Hieraan kan worden toegevoegd de financiële haalbaarheid, waaronder het
(subsidie-)genererend effect van de te realiseren infrastructurele
projecten. Vanwege de decentralisatie van subsidiegelden voor infra
structuur wordt dit laatste aspect voor de komende jaren minder zwaar
wegend
Een andere prioriteit van de gemeente Leeuwarden betreft de woningbouw. Het
gaat hierbij niet alleen om kwantitatieve aspecten maar ook om de kwaliteit
van de woonomgeving. Dit laatste heeft zowel betrekking op de bestaande
stedelijke gebieden als op de nieuwe woonwijken zoals Zuiderburen, Goutumer
Nieuwland, Bullepolder en Goutum-Zuid. Gestreefd wordt naar een wervend
woonmilieu waarbij de kwaliteit van de woonomgeving ook door (her)-
inrichting van de openbare ruimte verbeterd moet worden.
Bij veel van de mogelijke maatregelen is sprake van een combinatie van
factoren die een rol spelen bij het bepalen van het belang van deze maat
regelen. Daarbij dient ook het indicatieve karakter van het programma na
2000 niet uit het oog verloren te worden.
Voor de komende jaren kan ten aanzien van de infrastructurele werken een
aantal accenten gelegd worden. Ten eerste de herinrichting van de
binnenstad, waarbij ook een bijdrage vanuit de algemene middelen benodigd
is; ten tweede de infrastructuur voor de nieuwe woonwijk Zuiderburen en in
samenhang daarmee de staande-mast-route; en ten derde het oplossen van
knelpunten in diverse openbaar vervoersassen
Verder zullen middelen gereserveerd moeten worden voor de gemeentelijke
bijdrage voor maatregelen in het kader van het Startprogramma Duurzaam
Veilig
Bovendien zal de komende jaren financiële ruimte aanwezig moeten zijn voor
langzaam verkeersvoorzieningen en onvoorziene werkzaamheden in de vorm van
stelposten voor openbaar vervoer, verkeersveiligheid en overige infra
structuur
3.3.1. Binnenstad Nieuwe Stad
In 1998 is een start gemaakt met de uitvoering van de maatregelen gebaseerd
op het Masterplan voor de binnenstad.
De dekking van de projecten die in het kader van Binnenstad Nieuwe Stad
worden uitgevoerd vindt plaats uit diverse bronnen. Naast uit GSB-subsidie,
de NUON-gelden en een bijdrage uit het Strategisch Investerings- en
Ontwikkelingsfonds wordt voor de herinrichtingsplannen vanuit de
infrastructurele middelen geld beschikbaar gesteld.

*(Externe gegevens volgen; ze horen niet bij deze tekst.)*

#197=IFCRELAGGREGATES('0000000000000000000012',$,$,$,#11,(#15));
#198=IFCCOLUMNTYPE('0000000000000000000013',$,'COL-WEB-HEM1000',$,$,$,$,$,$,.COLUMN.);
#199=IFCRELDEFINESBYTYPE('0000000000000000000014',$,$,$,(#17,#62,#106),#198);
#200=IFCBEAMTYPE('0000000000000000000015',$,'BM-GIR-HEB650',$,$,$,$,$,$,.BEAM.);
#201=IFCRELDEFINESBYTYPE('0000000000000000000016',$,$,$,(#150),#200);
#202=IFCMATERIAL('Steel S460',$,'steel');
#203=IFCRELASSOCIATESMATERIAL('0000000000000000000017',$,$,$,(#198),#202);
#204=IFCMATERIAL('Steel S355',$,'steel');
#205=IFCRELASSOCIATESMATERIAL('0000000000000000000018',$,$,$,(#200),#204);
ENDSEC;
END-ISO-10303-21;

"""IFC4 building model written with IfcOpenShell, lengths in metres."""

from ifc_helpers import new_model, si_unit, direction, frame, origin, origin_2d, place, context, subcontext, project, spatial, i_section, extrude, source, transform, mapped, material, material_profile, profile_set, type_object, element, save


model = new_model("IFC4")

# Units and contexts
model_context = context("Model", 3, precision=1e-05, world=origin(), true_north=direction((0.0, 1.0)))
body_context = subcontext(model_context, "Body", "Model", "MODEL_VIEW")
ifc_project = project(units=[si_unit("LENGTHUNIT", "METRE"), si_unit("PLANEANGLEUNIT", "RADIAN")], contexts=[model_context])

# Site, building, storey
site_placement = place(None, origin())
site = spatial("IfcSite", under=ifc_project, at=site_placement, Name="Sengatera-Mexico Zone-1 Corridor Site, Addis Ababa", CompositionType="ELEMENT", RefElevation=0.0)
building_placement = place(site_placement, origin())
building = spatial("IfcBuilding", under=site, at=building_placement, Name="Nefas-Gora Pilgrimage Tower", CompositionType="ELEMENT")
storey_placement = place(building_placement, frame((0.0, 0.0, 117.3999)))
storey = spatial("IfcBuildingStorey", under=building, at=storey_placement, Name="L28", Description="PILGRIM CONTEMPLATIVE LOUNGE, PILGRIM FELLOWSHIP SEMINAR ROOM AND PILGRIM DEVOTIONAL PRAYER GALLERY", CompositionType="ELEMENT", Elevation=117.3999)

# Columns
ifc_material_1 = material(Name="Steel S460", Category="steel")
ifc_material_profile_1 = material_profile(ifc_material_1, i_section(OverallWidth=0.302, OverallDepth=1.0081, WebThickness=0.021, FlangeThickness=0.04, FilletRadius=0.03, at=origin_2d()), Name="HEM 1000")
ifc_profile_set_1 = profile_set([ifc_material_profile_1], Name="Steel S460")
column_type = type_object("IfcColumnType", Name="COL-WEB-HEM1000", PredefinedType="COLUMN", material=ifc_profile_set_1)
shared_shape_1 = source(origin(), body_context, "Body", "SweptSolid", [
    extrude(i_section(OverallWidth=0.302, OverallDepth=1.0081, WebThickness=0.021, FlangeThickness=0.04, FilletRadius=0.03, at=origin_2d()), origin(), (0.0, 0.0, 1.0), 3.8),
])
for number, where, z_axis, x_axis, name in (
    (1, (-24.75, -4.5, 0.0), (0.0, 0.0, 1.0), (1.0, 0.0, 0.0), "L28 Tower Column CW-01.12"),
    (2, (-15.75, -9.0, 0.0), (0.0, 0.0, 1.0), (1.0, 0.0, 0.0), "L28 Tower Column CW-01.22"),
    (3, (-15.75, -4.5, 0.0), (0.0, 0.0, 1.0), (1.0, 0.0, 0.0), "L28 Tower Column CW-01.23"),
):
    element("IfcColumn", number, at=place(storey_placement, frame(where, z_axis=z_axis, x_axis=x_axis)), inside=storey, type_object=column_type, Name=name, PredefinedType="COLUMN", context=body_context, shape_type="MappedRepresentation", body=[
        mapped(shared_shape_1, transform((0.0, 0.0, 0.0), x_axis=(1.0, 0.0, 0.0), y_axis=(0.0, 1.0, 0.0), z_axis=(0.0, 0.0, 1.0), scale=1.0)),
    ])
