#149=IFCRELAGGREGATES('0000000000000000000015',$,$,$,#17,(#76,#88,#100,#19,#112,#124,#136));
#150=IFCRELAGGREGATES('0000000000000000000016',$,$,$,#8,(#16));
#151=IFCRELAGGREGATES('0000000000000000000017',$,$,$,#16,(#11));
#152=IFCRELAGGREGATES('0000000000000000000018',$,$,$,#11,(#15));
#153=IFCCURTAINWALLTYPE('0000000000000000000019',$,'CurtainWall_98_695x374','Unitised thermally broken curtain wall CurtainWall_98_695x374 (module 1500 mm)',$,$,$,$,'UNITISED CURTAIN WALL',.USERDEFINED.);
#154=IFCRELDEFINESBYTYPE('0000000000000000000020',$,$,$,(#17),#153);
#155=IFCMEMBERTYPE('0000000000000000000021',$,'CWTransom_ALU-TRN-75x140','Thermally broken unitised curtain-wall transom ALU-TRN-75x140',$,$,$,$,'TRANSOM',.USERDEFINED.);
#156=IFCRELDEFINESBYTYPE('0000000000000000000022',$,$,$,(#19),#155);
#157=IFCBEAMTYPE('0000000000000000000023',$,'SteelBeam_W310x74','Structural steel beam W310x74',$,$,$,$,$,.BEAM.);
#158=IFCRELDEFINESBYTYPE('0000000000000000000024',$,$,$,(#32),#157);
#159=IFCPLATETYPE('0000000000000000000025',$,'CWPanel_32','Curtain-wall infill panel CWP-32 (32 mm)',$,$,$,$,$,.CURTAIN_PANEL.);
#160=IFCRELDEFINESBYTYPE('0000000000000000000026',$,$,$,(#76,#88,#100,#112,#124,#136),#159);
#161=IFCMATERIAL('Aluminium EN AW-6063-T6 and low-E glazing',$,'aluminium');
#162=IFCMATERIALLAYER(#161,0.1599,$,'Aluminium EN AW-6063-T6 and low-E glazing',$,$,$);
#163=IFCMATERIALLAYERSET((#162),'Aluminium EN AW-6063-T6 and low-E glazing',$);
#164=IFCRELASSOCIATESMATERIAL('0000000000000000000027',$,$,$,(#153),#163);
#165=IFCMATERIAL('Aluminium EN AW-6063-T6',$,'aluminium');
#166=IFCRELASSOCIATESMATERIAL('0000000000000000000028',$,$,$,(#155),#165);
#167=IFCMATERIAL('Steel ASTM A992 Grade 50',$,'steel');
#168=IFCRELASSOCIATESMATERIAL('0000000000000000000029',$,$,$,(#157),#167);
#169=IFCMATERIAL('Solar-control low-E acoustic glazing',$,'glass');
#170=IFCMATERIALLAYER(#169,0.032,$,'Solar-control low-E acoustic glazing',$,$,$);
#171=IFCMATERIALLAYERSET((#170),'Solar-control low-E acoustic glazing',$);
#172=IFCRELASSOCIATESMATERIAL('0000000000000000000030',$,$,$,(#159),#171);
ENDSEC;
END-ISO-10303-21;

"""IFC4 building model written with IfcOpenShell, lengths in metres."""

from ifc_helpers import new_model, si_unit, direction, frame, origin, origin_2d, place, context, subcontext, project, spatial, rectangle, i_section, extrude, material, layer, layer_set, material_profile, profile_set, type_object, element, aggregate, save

Voor de periode 2001-2003 wordt uitgegaan van een bijdrage vanuit de
stelpost infrastructuur en vanuit de middelen die beschikbaar komen in
verband met de verhoogde uitkering uit het gemeentefonds, van gemiddeld
ruim f 0,9 miljoen per jaar.
Programma Infrastructuur 2000
20
3.3.2. Zuiderburen
In de exploitatieopzet van het bestemmingsplan voor het uitbreidingsgebied
Zuiderburen wordt rekening gehouden met investeringen ten behoeve van
bovenwijkse voorzieningen voor deze nieuwe woonwijk. In dit verband wordt
ook gerekend op een bijdrage in de aanpassing van de hoofdinfrastructuur
van Leeuwarden (gedeelte Hemriksein-Drachtsterplein) waardoor de
ontsluiting van het gebied Zuiderburen wordt verbeterd.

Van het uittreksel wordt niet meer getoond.